Friday, August 24, 2012

Stroke. Power. Strength.

    I know I an obsessing over swimming right now. But at least it is a healthy obsession. Right? I mean, I could be obsessing over the Kardashians, the latest fashions, or, god forbid, The Twilight Saga. Instead I am nearly eating, drinking and sleeping swimming. I think about stroke, breathing, flutter kick, optimal ergonomics. Last night's swim felt great. No, I did not do lap after tireless lap. But I swam for a solid 2 hours, with very little in the way of rest. True, I did not do more than 4 laps without a break, but I was concentrating on form and power, and did not want to get sloppy. I spent quite a bit of time with a drag float and hand paddles, really working on smooth, long, fluid strokes, and worked my shoulders until they burned. It felt great. I am in love with this exercise, it lets me focus strictly on my upper body and proper strokes, while adding resistance that gives me the same exhilaration and sense of accomplishment that weight lifting does. My shoulders are reminding me today that I worked them quite well yesterday. I know I will take a day off, but g'damn, I want to swim this afternoon. I did pack my suit and towel with the thought of trying to do a brief open water swim at The Cove in Clackamette Park. I need to get my face in murky water. I need to get past the thought of slimy, nefarious creatures lurking just out of sight, waiting to slide rubbery hands across my ankle, causing me to shriek like a banshee and sob like child terrorized by clowns.

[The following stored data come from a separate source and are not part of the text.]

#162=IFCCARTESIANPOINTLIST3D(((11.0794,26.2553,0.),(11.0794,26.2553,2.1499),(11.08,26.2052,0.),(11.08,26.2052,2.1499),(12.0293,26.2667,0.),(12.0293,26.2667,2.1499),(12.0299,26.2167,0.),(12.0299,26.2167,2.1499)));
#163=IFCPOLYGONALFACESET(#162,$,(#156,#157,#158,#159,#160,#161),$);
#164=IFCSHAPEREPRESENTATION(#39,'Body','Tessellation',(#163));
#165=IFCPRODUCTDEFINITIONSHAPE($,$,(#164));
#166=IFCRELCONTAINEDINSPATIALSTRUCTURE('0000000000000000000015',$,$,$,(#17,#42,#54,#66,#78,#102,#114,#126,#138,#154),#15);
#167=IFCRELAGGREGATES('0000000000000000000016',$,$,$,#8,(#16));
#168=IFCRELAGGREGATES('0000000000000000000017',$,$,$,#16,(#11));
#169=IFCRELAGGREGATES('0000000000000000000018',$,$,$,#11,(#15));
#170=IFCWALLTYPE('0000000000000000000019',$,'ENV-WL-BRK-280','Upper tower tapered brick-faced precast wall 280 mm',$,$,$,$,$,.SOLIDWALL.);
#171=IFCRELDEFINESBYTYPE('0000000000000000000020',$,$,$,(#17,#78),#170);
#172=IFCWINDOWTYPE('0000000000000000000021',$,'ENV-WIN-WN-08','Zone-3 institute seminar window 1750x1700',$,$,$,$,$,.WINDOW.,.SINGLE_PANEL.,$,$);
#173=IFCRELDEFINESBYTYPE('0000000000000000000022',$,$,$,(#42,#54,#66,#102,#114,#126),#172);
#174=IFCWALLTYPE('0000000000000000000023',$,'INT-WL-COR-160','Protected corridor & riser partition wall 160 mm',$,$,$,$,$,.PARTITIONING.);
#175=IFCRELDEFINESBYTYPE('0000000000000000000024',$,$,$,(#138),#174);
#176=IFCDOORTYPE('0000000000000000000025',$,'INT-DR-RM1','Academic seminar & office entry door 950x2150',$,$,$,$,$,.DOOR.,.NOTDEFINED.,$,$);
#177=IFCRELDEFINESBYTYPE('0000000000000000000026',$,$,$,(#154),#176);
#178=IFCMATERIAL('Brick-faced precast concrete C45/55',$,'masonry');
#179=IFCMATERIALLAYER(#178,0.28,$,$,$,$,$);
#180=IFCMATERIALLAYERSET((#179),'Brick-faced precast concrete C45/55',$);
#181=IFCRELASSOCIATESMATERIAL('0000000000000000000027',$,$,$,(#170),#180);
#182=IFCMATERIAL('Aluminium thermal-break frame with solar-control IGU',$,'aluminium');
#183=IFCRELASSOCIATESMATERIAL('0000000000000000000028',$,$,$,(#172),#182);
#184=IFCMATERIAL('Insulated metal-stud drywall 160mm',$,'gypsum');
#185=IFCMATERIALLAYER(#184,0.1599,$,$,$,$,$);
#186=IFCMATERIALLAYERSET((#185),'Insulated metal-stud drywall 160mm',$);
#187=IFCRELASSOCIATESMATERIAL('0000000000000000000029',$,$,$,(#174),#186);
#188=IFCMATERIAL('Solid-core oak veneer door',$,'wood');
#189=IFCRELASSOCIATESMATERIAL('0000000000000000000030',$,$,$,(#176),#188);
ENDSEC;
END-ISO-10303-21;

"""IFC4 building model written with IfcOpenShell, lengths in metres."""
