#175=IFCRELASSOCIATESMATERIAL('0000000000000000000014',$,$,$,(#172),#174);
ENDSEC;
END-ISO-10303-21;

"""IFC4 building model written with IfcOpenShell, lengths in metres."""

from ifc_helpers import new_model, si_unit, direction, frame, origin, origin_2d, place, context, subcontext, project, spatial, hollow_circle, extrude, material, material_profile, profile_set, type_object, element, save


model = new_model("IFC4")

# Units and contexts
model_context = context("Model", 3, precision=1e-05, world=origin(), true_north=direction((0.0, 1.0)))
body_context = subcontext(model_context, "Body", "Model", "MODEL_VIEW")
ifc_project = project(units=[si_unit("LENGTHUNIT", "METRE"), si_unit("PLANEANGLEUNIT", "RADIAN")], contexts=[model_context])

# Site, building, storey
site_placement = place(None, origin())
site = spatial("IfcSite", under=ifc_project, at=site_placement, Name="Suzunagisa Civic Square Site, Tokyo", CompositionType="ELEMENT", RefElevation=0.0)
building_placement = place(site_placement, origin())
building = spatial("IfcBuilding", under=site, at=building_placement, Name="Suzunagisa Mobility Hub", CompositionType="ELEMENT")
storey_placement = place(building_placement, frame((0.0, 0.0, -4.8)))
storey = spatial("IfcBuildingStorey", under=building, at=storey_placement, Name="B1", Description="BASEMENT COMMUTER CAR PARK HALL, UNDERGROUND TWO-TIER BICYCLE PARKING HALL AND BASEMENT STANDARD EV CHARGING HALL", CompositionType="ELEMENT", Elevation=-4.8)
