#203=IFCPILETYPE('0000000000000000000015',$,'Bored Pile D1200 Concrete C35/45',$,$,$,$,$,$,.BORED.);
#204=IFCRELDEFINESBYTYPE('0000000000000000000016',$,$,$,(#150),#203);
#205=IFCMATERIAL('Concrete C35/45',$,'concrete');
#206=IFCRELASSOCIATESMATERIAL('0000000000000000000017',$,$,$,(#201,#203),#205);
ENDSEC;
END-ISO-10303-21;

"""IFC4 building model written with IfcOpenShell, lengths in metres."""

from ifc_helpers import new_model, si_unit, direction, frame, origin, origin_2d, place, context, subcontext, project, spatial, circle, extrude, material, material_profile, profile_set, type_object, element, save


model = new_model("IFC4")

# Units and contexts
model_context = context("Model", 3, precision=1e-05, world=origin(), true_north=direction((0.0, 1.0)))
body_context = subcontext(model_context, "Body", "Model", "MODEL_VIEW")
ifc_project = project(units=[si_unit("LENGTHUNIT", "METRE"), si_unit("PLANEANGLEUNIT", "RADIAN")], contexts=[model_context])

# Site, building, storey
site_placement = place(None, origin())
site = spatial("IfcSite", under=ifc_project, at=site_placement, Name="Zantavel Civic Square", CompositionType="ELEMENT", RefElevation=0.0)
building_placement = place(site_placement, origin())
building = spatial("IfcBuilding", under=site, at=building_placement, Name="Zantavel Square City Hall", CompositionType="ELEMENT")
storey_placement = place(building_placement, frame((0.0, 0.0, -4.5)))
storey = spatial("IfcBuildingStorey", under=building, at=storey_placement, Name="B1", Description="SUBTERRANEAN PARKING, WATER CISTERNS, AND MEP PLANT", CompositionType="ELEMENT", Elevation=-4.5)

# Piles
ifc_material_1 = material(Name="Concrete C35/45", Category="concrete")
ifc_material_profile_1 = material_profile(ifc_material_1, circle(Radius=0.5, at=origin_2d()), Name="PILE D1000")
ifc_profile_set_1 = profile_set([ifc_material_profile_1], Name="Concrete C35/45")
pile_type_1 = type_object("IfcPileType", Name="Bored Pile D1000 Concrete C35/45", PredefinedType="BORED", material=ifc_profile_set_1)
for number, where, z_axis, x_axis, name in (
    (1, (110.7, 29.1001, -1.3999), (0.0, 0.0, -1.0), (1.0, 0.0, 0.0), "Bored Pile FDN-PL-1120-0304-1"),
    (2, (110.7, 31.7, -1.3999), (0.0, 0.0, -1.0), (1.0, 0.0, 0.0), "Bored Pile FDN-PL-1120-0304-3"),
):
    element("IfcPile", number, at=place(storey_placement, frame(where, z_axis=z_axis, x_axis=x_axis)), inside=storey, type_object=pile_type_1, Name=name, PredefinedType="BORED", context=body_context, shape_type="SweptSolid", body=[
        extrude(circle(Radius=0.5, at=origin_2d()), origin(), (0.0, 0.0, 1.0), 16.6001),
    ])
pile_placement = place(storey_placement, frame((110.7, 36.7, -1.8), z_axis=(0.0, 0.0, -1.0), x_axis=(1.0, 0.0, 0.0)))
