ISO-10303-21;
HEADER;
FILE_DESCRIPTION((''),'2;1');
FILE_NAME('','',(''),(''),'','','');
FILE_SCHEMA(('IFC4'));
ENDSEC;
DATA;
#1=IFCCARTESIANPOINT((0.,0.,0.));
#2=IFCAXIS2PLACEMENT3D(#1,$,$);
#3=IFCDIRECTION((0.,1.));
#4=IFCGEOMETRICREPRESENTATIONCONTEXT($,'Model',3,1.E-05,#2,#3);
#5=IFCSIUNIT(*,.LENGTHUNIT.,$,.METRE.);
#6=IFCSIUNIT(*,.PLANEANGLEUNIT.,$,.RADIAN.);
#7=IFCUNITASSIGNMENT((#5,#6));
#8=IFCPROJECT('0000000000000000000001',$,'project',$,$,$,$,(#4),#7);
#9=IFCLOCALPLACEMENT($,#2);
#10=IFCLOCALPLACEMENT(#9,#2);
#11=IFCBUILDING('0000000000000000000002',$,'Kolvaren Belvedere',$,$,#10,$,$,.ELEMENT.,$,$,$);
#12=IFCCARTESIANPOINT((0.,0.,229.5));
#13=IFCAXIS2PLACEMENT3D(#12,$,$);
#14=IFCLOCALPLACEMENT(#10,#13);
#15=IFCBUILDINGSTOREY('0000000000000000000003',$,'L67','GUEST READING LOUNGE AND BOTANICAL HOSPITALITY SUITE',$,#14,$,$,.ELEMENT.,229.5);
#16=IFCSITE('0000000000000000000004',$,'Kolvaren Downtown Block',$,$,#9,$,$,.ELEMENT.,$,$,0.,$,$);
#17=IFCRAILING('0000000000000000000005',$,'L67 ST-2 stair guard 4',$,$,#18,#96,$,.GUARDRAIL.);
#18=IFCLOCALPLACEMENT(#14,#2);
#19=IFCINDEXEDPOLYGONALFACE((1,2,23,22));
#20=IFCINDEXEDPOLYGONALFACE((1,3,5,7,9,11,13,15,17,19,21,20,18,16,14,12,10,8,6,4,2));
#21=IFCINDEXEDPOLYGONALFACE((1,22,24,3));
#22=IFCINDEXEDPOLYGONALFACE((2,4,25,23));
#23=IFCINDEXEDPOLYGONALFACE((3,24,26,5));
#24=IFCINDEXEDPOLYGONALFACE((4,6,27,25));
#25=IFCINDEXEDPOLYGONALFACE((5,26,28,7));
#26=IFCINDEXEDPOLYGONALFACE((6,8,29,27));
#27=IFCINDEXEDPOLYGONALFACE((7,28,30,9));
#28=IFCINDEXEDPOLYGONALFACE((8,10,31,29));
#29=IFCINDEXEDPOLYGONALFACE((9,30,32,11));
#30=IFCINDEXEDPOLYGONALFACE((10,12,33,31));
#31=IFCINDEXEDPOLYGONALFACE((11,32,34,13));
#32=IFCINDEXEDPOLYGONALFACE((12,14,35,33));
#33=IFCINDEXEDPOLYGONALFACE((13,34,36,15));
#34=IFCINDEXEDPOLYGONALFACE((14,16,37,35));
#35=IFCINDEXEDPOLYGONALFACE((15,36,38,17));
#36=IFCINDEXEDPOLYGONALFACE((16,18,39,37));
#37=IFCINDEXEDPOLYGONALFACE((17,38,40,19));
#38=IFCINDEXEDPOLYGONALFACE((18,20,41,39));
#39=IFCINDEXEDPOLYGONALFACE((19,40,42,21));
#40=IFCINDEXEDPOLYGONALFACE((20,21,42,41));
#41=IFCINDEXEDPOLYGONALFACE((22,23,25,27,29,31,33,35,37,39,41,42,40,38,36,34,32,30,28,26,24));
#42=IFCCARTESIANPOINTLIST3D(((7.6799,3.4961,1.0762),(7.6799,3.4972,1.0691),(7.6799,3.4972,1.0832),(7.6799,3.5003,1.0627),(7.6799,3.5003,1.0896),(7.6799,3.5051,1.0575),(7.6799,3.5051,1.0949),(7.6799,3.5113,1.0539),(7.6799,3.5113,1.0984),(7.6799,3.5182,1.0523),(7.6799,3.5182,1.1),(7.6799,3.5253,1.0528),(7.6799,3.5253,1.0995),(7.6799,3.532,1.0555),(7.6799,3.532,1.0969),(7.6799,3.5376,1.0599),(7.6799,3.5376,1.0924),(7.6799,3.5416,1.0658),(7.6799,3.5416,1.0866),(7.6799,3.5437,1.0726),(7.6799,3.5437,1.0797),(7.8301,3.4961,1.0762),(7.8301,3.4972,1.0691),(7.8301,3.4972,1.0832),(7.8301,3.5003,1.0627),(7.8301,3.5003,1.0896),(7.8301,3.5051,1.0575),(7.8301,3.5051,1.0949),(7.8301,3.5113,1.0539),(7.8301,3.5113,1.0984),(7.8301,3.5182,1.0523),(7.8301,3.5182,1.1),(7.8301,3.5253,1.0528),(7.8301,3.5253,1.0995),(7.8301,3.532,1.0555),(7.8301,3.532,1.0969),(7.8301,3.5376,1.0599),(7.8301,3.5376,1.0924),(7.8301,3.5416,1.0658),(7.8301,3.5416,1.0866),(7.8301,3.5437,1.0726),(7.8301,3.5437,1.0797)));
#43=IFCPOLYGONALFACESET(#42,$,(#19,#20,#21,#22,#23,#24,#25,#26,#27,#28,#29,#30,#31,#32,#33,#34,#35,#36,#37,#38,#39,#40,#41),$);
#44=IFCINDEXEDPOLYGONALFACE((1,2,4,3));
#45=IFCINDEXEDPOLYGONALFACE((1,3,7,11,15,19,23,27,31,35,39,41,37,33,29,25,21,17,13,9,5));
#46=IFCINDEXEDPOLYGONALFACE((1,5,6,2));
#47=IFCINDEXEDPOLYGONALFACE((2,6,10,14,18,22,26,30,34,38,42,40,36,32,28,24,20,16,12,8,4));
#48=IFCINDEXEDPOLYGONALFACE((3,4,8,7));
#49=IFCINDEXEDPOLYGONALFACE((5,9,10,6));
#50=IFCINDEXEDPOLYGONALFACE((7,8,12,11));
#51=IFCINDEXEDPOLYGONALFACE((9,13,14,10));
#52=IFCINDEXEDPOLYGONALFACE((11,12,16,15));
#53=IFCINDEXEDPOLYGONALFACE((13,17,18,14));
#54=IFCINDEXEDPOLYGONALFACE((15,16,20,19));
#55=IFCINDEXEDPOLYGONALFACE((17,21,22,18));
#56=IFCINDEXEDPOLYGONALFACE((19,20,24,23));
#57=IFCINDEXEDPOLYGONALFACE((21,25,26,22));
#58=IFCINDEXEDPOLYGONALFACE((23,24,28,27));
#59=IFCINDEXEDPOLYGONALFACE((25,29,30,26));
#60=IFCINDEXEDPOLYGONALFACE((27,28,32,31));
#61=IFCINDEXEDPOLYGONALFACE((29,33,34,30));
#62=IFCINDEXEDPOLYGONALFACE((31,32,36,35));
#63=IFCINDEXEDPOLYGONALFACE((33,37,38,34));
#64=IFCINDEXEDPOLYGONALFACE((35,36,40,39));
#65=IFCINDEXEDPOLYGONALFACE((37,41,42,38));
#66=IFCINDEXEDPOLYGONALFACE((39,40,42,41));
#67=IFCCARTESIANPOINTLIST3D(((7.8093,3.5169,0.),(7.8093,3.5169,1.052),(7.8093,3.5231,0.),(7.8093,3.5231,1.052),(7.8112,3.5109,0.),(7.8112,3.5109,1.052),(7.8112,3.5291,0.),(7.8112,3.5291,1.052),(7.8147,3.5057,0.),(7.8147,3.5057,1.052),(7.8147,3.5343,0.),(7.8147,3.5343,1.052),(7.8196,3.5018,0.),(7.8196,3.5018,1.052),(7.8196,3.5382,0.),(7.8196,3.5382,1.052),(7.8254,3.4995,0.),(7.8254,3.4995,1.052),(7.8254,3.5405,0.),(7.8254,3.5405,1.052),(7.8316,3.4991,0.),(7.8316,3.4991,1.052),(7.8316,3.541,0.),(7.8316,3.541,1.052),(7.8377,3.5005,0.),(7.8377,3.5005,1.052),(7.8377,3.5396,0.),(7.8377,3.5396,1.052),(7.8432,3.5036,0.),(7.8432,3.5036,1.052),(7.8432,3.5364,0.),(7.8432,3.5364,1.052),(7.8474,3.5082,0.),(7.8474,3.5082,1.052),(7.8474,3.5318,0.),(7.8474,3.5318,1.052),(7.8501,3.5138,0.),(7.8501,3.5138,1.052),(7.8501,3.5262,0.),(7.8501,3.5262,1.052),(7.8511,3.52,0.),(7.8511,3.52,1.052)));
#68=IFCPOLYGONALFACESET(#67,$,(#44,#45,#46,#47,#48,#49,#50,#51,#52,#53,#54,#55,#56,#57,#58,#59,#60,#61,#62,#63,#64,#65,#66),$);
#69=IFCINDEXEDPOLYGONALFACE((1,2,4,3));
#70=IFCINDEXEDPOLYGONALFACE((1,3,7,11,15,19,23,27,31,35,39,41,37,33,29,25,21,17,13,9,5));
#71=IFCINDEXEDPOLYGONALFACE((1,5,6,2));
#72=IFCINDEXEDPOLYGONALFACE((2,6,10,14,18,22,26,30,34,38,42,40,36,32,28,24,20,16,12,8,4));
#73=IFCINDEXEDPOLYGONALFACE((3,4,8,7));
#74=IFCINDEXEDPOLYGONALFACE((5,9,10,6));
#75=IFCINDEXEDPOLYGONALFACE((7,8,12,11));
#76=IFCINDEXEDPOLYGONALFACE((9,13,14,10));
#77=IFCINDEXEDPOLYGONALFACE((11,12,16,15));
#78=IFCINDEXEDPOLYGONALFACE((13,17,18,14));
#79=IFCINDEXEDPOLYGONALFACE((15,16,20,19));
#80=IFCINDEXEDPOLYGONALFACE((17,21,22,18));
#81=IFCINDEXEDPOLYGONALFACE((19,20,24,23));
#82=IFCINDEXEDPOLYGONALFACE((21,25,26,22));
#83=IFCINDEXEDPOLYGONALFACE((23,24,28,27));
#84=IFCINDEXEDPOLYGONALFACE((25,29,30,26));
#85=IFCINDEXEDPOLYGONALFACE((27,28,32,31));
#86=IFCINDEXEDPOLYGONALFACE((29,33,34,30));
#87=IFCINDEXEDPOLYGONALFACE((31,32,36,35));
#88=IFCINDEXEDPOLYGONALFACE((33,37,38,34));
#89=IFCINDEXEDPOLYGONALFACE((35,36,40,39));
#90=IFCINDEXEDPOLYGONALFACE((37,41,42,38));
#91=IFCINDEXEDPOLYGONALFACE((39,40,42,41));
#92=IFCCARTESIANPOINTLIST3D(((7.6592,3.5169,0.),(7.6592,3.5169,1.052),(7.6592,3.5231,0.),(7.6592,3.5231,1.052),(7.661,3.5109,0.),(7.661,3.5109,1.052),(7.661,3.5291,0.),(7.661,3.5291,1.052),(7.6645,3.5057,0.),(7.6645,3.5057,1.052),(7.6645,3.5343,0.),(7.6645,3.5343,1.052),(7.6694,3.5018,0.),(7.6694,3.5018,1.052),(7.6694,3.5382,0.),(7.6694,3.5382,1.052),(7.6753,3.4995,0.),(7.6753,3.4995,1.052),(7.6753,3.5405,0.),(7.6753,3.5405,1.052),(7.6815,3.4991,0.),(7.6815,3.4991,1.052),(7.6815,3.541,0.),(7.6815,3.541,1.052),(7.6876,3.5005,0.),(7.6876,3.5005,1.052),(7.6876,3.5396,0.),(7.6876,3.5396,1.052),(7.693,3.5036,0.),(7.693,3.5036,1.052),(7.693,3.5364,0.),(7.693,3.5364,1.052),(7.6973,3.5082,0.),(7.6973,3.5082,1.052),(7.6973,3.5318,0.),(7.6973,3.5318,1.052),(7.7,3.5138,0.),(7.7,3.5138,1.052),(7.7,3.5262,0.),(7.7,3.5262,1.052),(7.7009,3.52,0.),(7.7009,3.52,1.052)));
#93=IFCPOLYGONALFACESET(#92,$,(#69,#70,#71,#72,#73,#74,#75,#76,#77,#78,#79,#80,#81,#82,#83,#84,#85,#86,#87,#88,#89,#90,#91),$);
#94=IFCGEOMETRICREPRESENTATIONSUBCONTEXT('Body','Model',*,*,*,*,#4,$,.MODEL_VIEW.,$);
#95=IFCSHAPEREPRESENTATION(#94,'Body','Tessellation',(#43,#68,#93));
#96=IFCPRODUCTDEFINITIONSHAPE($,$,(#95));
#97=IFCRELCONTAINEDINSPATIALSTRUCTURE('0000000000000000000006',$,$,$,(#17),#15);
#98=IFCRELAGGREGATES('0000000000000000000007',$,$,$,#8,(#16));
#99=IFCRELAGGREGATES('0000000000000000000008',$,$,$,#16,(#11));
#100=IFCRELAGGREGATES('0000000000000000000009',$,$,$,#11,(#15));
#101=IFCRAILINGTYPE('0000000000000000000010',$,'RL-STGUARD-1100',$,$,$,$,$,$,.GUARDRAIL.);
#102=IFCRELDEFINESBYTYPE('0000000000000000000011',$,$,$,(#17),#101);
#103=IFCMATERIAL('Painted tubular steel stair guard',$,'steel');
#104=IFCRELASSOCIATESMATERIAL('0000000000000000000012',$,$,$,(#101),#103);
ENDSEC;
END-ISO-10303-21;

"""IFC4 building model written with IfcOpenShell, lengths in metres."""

from ifc_helpers import new_model, si_unit, direction, frame, origin, origin_2d, place, context, subcontext, project, spatial, circle, extrude, material, type_object, element, save


model = new_model("IFC4")

# Units and contexts
model_context = context("Model", 3, precision=1e-05, world=origin(), true_north=direction((0.0, 1.0)))
body_context = subcontext(model_context, "Body", "Model", "MODEL_VIEW")
ifc_project = project(units=[si_unit("LENGTHUNIT", "METRE"), si_unit("PLANEANGLEUNIT", "RADIAN")], contexts=[model_context])

# Site, building, storey
site_placement = place(None, origin())
site = spatial("IfcSite", under=ifc_project, at=site_placement, Name="Kolvaren Downtown Block", CompositionType="ELEMENT", RefElevation=0.0)
building_placement = place(site_placement, origin())
building = spatial("IfcBuilding", under=site, at=building_placement, Name="Kolvaren Belvedere", CompositionType="ELEMENT")
storey_placement = place(building_placement, frame((0.0, 0.0, 229.5)))
storey = spatial("IfcBuildingStorey", under=building, at=storey_placement, Name="L67", Description="GUEST READING LOUNGE AND BOTANICAL HOSPITALITY SUITE", CompositionType="ELEMENT", Elevation=229.5)

# Railing
ifc_material_1 = material(Name="Painted tubular steel stair guard", Category="steel")
railing_type_1 = type_object("IfcRailingType", Name="RL-STGUARD-1100", PredefinedType="GUARDRAIL", material=ifc_material_1)
railing_1_placement = place(storey_placement, frame((7.8301, 3.52, 0.0)))
element("IfcRailing", 1, at=railing_1_placement, inside=storey, type_object=railing_type_1, Name="L67 ST-2 stair guard 4", PredefinedType="GUARDRAIL", context=body_context, shape_type="SweptSolid", body=[
    extrude(circle(Radius=0.0239, at=origin_2d()), frame((0.0, 0.0, 1.0762), z_axis=(-1.0, 0.0, 0.0), x_axis=(0.0, -1.0, 0.0)), (0.0, 0.0, 1.0), 0.1501),
    extrude(circle(Radius=0.021, at=origin_2d()), origin(), (0.0, 0.0, 1.0), 1.052),
    extrude(circle(Radius=0.021, at=origin_2d()), frame((-0.1501, 0.0, 0.0)), (0.0, 0.0, 1.0), 1.052),
])

save(model, "model.ifc")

Yes, murky water triggers anxiety, based in some long past trauma. Or maybe it was growing up hearing the story of how my Uncle Frankie died, drowned in the muddy water of a steep sided hole dug for a septic tank one month before his sixth birthday. I figure that bit of family history is more than enough to instill a deep-rooted dislike for cold, manky water. Regardless of the origin, I need to get past it if I am to be a competitive triathlete. True, it is said that no race is won in the swim. But stressing my mind and body in the first stage is not doing me any favors or helping with my time. So, I need to get past this. I will get past this. I will swim. Become a strong, powerful, fearless swimmer. I know I can. I know I will.